However, a recent case between Philips and Thales provides a good illustration of the use that can be made of this kind of seizure in patent litigation (Tribunal judiciaire de Paris, 13 September 2022). In this case, infringement actions for GSM standard essential patents and a discovery procedure had been initiated in the United States by Philips against Thales after unsuccessful FRAND negotiations. Thales, which wanted to prove the abusive behavior of Philips during these negotiations, was authorized to carry out a saisie conservatoire in France to recover documents that could prove the alleged abuse. Philips subsequently sued Thales to have the order retracted. This claim was dismissed by the judge.
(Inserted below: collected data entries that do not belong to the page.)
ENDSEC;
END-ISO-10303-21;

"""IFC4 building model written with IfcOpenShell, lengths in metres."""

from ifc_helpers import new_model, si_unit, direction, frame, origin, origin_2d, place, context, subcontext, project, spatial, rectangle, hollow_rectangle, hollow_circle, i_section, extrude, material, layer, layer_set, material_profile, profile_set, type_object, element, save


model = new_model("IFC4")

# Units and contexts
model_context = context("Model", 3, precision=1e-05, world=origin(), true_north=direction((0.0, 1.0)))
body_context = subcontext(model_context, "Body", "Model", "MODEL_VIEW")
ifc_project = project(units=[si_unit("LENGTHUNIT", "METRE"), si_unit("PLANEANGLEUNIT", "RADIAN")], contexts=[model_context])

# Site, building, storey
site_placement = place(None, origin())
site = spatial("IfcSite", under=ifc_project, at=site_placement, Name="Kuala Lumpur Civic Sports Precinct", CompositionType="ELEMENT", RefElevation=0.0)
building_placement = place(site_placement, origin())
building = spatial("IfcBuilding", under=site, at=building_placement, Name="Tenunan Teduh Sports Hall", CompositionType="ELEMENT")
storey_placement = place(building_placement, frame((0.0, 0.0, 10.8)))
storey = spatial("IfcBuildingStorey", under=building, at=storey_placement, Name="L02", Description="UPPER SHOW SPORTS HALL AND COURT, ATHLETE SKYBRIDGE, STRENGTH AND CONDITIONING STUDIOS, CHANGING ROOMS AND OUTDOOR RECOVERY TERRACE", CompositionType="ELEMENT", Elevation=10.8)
The decision is interesting in that the judge specifies the conditions under which a saisie conservatoire may be admitted and preferred to a saisie-contrefaçon. The request must specify the circumstances that justify the derogation from the adversarial principle. In this case, the justification lay in the fact that the documents sought consisted essentially of e-mail exchanges that could, therefore, be easily destroyed.
It should also be noted that the failure to disclose the parallel discovery procedure at the time of filing the request was not considered unfair, since, unlike the saisie-contrefaçon, the saisie conservatoire does not require the presentation of all the facts but only those that justify the derogation from the adversarial principle.
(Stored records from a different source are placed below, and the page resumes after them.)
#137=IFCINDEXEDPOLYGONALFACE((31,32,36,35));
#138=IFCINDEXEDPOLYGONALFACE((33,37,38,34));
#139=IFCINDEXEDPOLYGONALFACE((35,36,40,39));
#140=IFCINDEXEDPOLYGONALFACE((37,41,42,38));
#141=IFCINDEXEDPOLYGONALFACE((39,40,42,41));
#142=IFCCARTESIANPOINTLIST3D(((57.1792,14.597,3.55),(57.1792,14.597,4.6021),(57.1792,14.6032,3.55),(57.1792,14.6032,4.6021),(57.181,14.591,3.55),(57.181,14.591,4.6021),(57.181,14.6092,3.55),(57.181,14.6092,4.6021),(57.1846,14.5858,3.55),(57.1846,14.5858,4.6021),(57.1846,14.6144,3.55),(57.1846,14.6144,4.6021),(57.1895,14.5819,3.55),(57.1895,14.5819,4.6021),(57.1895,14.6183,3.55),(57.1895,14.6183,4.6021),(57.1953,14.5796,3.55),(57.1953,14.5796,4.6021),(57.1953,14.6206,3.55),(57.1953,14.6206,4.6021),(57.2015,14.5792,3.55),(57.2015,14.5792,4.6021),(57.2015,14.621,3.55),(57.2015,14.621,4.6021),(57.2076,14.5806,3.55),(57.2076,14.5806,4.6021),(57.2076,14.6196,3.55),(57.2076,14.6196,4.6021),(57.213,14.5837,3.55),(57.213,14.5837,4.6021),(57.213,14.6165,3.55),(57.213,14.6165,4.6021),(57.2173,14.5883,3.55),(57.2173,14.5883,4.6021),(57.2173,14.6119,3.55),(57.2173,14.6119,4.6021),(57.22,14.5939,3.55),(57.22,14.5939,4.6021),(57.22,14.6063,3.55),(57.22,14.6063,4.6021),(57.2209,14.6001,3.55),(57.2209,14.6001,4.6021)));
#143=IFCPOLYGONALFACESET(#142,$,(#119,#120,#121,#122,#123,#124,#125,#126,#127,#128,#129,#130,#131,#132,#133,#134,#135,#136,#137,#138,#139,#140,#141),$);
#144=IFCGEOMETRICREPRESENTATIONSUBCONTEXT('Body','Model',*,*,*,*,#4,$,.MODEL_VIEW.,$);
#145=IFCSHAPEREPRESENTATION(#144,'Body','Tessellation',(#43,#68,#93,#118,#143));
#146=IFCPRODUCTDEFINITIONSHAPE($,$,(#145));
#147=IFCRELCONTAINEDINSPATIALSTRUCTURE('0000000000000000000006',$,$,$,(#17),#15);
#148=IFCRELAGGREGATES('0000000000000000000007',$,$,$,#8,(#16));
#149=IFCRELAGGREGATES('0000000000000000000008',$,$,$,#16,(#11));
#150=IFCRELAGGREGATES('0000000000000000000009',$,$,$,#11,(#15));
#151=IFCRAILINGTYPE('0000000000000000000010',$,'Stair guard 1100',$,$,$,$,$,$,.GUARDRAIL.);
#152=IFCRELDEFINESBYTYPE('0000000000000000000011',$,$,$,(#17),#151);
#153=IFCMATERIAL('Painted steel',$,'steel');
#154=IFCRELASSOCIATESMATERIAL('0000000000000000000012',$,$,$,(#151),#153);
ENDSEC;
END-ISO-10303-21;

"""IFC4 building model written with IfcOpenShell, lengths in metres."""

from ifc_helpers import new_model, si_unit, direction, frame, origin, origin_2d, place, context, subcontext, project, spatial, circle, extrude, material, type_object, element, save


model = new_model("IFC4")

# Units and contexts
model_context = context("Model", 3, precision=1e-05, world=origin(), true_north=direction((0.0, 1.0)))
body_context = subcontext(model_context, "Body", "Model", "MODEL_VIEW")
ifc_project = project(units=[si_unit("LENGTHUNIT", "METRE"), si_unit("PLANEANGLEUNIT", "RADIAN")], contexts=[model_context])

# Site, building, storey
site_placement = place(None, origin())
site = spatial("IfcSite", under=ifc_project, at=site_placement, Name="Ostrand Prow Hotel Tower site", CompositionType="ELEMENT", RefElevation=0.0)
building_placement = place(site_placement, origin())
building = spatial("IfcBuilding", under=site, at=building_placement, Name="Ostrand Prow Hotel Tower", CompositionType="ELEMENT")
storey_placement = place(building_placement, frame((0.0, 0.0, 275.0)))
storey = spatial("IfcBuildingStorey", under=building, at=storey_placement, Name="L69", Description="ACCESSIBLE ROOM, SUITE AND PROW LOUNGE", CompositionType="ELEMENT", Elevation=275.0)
This example is a reminder that the saisie conservatoire can be considered as an alternative to the saisie-contrefaçon as soon as we can justify the derogation from the adversarial principle. Such an alternative may seem all the more opportune as it does not require the seized party to be summoned within a month of the operations and the grounds for retractation seem fewer than with a saisie-contrefaçon. However, unlike the latter, the saisie conservatoire must always be carried out before any litigation in France.